Given a double precision floating-point (non-negative) number x, does square root of its square always equals to itself?
In other words, is there any loss of precision if doing the following:
x = <non-negative double>
y = x^2
z = sqrt(y)
so that:
x == z
I'm not interested in the case when the square becomes infinity or zero, just numbers that fit the double-precision.
Squaring a number producing a value twice the number of bits in the original values. Hence if x is too large then some bits are lost in x^2 and x cannot be fully recovered from y [Edit: it's still possible to get x from y with proper rounding]. In case of IEEE-754 double precision then if x has more than 26 bits in the significand part then the result of y will be truncated. That's the simplest case.
If x has few significand bits but very large or very small exponent then x^2 might be too large for double precision and will become inf or denormal number, in which case there's no way to recover x.

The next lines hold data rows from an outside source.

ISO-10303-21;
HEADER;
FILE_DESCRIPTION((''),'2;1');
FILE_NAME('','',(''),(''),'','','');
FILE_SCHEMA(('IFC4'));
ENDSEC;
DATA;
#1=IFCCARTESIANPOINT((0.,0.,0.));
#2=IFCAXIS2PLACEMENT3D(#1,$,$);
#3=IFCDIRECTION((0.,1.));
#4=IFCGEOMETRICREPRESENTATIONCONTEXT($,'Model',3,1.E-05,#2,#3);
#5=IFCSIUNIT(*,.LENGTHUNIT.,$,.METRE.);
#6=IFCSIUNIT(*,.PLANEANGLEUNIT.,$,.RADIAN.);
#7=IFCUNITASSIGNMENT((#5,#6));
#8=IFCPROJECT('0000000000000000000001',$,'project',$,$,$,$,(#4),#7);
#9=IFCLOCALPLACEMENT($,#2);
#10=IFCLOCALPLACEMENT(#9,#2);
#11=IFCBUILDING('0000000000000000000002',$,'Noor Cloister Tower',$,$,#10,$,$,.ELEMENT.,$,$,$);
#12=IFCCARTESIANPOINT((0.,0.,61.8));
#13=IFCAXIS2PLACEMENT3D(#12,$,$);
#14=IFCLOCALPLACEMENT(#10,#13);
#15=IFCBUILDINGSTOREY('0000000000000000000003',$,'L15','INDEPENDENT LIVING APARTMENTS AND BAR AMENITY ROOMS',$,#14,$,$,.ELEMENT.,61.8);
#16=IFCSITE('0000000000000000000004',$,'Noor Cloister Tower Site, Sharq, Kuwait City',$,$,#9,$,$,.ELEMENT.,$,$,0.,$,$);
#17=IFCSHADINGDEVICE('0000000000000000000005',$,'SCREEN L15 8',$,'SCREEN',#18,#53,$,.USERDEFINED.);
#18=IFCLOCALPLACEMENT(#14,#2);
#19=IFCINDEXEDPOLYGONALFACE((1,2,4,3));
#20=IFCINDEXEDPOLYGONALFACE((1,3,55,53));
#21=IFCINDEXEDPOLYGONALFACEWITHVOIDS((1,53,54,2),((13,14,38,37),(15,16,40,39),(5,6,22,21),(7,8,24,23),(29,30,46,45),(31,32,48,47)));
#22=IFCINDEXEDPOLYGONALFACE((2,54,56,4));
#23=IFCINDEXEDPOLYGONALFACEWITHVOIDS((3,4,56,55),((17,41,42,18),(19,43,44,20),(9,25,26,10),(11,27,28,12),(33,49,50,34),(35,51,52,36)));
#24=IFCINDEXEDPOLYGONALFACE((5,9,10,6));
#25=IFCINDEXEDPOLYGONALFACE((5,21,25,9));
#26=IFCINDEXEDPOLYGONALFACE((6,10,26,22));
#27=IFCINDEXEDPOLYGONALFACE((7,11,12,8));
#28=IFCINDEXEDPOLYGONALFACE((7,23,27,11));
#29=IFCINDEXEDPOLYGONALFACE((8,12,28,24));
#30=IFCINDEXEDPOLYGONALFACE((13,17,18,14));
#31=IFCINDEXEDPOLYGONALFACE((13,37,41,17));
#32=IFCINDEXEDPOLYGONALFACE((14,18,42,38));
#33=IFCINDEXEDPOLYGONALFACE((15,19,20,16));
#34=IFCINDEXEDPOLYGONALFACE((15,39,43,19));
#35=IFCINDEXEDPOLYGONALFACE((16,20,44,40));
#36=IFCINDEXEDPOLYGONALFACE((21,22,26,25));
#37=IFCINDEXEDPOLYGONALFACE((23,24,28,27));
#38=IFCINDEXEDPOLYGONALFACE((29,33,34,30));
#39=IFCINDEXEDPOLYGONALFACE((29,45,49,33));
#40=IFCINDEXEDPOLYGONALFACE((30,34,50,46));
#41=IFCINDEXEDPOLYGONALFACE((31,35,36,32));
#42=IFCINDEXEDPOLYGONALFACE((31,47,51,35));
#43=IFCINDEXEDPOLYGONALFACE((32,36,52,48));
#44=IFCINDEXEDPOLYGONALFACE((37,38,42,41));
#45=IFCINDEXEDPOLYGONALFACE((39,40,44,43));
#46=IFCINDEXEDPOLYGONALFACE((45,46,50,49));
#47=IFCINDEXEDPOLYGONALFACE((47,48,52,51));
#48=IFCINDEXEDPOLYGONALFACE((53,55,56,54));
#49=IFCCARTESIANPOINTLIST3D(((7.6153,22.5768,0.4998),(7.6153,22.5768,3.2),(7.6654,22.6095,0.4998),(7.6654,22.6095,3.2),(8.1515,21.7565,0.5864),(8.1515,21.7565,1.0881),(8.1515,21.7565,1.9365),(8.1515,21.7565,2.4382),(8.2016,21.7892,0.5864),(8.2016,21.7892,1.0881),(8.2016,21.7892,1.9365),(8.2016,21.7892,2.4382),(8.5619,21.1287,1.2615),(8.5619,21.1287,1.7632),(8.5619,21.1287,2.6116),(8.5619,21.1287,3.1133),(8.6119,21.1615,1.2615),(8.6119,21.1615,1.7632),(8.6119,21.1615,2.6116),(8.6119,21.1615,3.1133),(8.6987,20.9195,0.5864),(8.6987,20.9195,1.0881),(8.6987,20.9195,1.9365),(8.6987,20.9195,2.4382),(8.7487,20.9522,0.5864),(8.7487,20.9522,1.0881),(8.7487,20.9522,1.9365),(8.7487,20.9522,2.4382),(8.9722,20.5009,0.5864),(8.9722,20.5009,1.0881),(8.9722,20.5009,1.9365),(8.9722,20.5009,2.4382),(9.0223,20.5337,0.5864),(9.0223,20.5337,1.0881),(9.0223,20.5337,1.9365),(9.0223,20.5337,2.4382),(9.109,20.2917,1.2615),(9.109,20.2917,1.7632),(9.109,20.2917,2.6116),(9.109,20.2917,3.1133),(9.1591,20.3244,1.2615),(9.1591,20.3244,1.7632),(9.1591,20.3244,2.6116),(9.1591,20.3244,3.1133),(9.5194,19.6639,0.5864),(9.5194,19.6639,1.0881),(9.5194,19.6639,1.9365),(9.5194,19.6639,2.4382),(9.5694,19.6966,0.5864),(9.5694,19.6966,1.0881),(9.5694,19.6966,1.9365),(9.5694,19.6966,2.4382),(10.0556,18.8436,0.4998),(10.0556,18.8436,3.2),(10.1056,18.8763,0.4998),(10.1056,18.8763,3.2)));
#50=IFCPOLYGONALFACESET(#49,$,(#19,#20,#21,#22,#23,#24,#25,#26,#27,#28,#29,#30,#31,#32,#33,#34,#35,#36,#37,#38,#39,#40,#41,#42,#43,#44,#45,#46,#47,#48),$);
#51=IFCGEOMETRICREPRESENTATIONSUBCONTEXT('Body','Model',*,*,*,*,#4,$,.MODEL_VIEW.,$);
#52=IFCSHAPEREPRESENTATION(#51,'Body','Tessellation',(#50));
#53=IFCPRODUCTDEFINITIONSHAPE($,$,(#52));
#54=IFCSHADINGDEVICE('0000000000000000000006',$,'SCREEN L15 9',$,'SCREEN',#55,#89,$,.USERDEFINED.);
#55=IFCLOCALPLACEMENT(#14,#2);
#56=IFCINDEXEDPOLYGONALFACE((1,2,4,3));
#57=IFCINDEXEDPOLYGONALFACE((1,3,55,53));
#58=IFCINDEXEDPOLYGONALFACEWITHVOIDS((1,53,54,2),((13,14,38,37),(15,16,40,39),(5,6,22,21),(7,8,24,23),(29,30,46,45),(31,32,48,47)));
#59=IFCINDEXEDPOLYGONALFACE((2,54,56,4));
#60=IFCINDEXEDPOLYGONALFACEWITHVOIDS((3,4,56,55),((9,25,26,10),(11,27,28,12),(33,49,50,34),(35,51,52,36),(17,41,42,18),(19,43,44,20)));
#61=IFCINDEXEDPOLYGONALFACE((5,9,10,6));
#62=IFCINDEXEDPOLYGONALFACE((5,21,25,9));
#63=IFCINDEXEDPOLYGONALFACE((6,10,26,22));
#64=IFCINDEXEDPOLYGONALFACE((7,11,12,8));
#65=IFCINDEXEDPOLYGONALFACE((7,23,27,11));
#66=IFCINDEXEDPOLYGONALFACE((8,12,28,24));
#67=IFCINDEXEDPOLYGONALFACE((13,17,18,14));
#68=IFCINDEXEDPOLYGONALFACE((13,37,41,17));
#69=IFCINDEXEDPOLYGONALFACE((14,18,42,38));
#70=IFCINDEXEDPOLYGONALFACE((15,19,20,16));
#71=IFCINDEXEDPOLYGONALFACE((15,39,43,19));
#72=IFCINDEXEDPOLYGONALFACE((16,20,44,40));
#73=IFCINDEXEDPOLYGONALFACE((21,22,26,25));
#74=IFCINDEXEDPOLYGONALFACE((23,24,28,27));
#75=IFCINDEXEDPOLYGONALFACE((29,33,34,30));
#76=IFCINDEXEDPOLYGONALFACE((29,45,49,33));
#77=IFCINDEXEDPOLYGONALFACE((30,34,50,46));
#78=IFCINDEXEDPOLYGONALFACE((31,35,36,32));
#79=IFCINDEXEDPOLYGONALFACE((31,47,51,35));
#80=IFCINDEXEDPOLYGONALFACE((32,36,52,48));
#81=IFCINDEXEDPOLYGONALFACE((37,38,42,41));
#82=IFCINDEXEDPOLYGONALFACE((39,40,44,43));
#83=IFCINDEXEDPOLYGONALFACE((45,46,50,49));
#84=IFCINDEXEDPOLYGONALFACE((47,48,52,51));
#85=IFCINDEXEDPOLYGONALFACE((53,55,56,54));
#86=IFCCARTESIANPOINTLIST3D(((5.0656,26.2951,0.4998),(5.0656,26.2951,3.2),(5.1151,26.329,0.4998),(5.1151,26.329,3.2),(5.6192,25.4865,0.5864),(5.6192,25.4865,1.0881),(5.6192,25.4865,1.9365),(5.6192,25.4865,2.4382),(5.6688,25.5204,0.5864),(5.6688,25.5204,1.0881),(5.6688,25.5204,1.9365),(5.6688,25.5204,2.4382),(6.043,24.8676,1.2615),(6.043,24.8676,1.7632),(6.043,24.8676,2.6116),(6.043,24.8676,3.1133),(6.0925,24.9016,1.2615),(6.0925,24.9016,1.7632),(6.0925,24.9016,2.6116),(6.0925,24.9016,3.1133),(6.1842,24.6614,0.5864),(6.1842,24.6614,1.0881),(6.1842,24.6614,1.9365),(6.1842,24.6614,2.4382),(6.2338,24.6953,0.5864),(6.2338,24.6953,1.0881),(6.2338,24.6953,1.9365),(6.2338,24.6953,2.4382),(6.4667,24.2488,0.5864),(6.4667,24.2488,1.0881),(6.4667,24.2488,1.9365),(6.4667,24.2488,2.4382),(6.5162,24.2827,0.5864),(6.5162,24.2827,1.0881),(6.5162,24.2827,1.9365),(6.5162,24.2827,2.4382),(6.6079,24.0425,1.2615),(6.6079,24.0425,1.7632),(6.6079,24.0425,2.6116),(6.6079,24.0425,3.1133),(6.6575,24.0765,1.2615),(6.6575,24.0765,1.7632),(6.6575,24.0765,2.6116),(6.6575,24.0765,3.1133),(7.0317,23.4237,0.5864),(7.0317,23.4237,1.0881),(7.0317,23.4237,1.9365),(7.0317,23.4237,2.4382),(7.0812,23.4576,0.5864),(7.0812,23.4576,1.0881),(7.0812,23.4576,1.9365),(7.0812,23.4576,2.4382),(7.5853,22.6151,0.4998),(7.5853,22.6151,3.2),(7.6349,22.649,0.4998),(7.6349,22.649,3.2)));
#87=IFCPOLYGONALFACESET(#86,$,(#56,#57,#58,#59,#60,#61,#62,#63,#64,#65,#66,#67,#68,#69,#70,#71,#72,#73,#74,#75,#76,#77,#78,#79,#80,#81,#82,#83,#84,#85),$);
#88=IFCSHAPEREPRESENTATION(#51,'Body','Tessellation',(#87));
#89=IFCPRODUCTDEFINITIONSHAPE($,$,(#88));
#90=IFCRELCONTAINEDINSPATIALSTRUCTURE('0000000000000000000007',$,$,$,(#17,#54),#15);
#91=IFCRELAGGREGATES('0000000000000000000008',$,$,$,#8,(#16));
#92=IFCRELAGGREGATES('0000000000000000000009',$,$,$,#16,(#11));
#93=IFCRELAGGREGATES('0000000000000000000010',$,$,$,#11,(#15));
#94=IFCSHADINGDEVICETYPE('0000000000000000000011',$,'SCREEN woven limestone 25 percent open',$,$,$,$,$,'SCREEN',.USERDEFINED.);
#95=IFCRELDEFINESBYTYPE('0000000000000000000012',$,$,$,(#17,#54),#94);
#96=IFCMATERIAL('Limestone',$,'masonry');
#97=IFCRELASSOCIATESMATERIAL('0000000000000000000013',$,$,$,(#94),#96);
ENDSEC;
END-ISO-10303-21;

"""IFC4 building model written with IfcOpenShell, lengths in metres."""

from ifc_helpers import new_model, si_unit, direction, frame, origin, place, context, subcontext, project, spatial, polyline, outline, extrude, material, material_profile, profile_set, type_object, element, save


model = new_model("IFC4")

# Units and contexts
model_context = context("Model", 3, precision=1e-05, world=origin(), true_north=direction((0.0, 1.0)))
body_context = subcontext(model_context, "Body", "Model", "MODEL_VIEW")
ifc_project = project(units=[si_unit("LENGTHUNIT", "METRE"), si_unit("PLANEANGLEUNIT", "RADIAN")], contexts=[model_context])

# Site, building, storey
site_placement = place(None, origin())
site = spatial("IfcSite", under=ifc_project, at=site_placement, Name="Noor Cloister Tower Site, Sharq, Kuwait City", CompositionType="ELEMENT", RefElevation=0.0)
building_placement = place(site_placement, origin())
building = spatial("IfcBuilding", under=site, at=building_placement, Name="Noor Cloister Tower", CompositionType="ELEMENT")
storey_placement = place(building_placement, frame((0.0, 0.0, 61.8)))
storey = spatial("IfcBuildingStorey", under=building, at=storey_placement, Name="L15", Description="INDEPENDENT LIVING APARTMENTS AND BAR AMENITY ROOMS", CompositionType="ELEMENT", Elevation=61.8)

# Shading devices
ifc_material_1 = material(Name="Limestone", Category="masonry")
ifc_material_profile_1 = material_profile(ifc_material_1, outline(polyline([(-2.23, -1.3501), (2.23, -1.3501), (2.23, 1.3501), (-2.23, 1.3501), (-2.23, -1.3501)]), holes=[polyline([(-1.25, -1.2634), (-0.25, -1.2634), (-0.25, -0.7617), (-1.25, -0.7617), (-1.25, -1.2634)]), polyline([(0.25, -1.2634), (1.25, -1.2634), (1.25, -0.7617), (0.25, -0.7617), (0.25, -1.2634)]), polyline([(-0.5, -0.5884), (0.5, -0.5884), (0.5, -0.0867), (-0.5, -0.0867), (-0.5, -0.5884)]), polyline([(-1.25, 0.0867), (-0.25, 0.0867), (-0.25, 0.5884), (-1.25, 0.5884), (-1.25, 0.0867)]), polyline([(0.25, 0.0867), (1.25, 0.0867), (1.25, 0.5884), (0.25, 0.5884), (0.25, 0.0867)]), polyline([(-0.5, 0.7617), (0.5, 0.7617), (0.5, 1.2634), (-0.5, 1.2634), (-0.5, 0.7617)])]), Name="Woven screen 25 percent open")
ifc_profile_set_1 = profile_set([ifc_material_profile_1], Name="Limestone")
shading_device_type = type_object("IfcShadingDeviceType", Name="SCREEN woven limestone 25 percent open", ElementType="SCREEN", PredefinedType="USERDEFINED", material=ifc_profile_set_1)
shading_device_1_placement = place(storey_placement, frame((8.8354, 20.7102, 1.8499), z_axis=(0.837042, 0.547139, 0.0), x_axis=(-0.547139, 0.837042, 0.0)))
element("IfcShadingDevice", 1, at=shading_device_1_placement, inside=storey, type_object=shading_device_type, Name="SCREEN L15 8", ObjectType="SCREEN", PredefinedType="USERDEFINED", context=body_context, shape_type="SweptSolid", body=[
    extrude(outline(polyline([(-2.23, -1.3501), (2.23, -1.3501), (2.23, 1.3501), (-2.23, 1.3501), (-2.23, -1.3501)]), holes=[polyline([(-1.25, -1.2634), (-0.25, -1.2634), (-0.25, -0.7617), (-1.25, -0.7617), (-1.25, -1.2634)]), polyline([(0.25, -1.2634), (1.25, -1.2634), (1.25, -0.7617), (0.25, -0.7617), (0.25, -1.2634)]), polyline([(-0.5, -0.5884), (0.5, -0.5884), (0.5, -0.0867), (-0.5, -0.0867), (-0.5, -0.5884)]), polyline([(-1.25, 0.0867), (-0.25, 0.0867), (-0.25, 0.5884), (-1.25, 0.5884), (-1.25, 0.0867)]), polyline([(0.25, 0.0867), (1.25, 0.0867), (1.25, 0.5884), (0.25, 0.5884), (0.25, 0.0867)]), polyline([(-0.5, 0.7617), (0.5, 0.7617), (0.5, 1.2634), (-0.5, 1.2634), (-0.5, 0.7617)])]), origin(), (0.0, 0.0, 1.0), 0.0598),
])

If x is not too large or too small then sqrt(y) would be equal to x because IEEE-754 standard requires +, -, *, / and sqrt to be properly rounded.
#include <iostream>
#include <ios>
#include <iomanip>
#include <cmath>
using std::fixed;
using std::hexfloat;
using std::cout;
int main() {
double x = 1.25e155;
double y = x*x;
cout << hexfloat << "x = " << x << ", y = " << y << ", sqrt(y) = " << sqrt(y) << '\n';
x = 1.25e-155;
y = x*x;
cout << hexfloat << "x = " << x << ", y = " << y << ", sqrt(y) = " << sqrt(y) << '\n';
return 0;
}
#include <stdio.h>
#include <math.h>
int main(void) {
double x = 1.0000000000000001E-160;
double square = x*x;
double root = sqrt(square);
if (root != x) {
printf("%.20g\n", x);
printf("%.20g\n", root);
}
}
outputs
1.0000000000000001466e-160
9.9999443357584897793e-161
What's happening here is that x is large enough that its square is non-zero, but small enough that its square is only representable as a denormalised number, which reduces the available precision.
I get the impression that @MarkDickinson's comment on @LưuVĩnhPhúc's answer is largely correct though. If both x and x*x are positive normalised numbers, then I'm not able to find examples where x != sqrt(x*x) even with a quick brute force (over a few small ranges), though this should not be considered proof.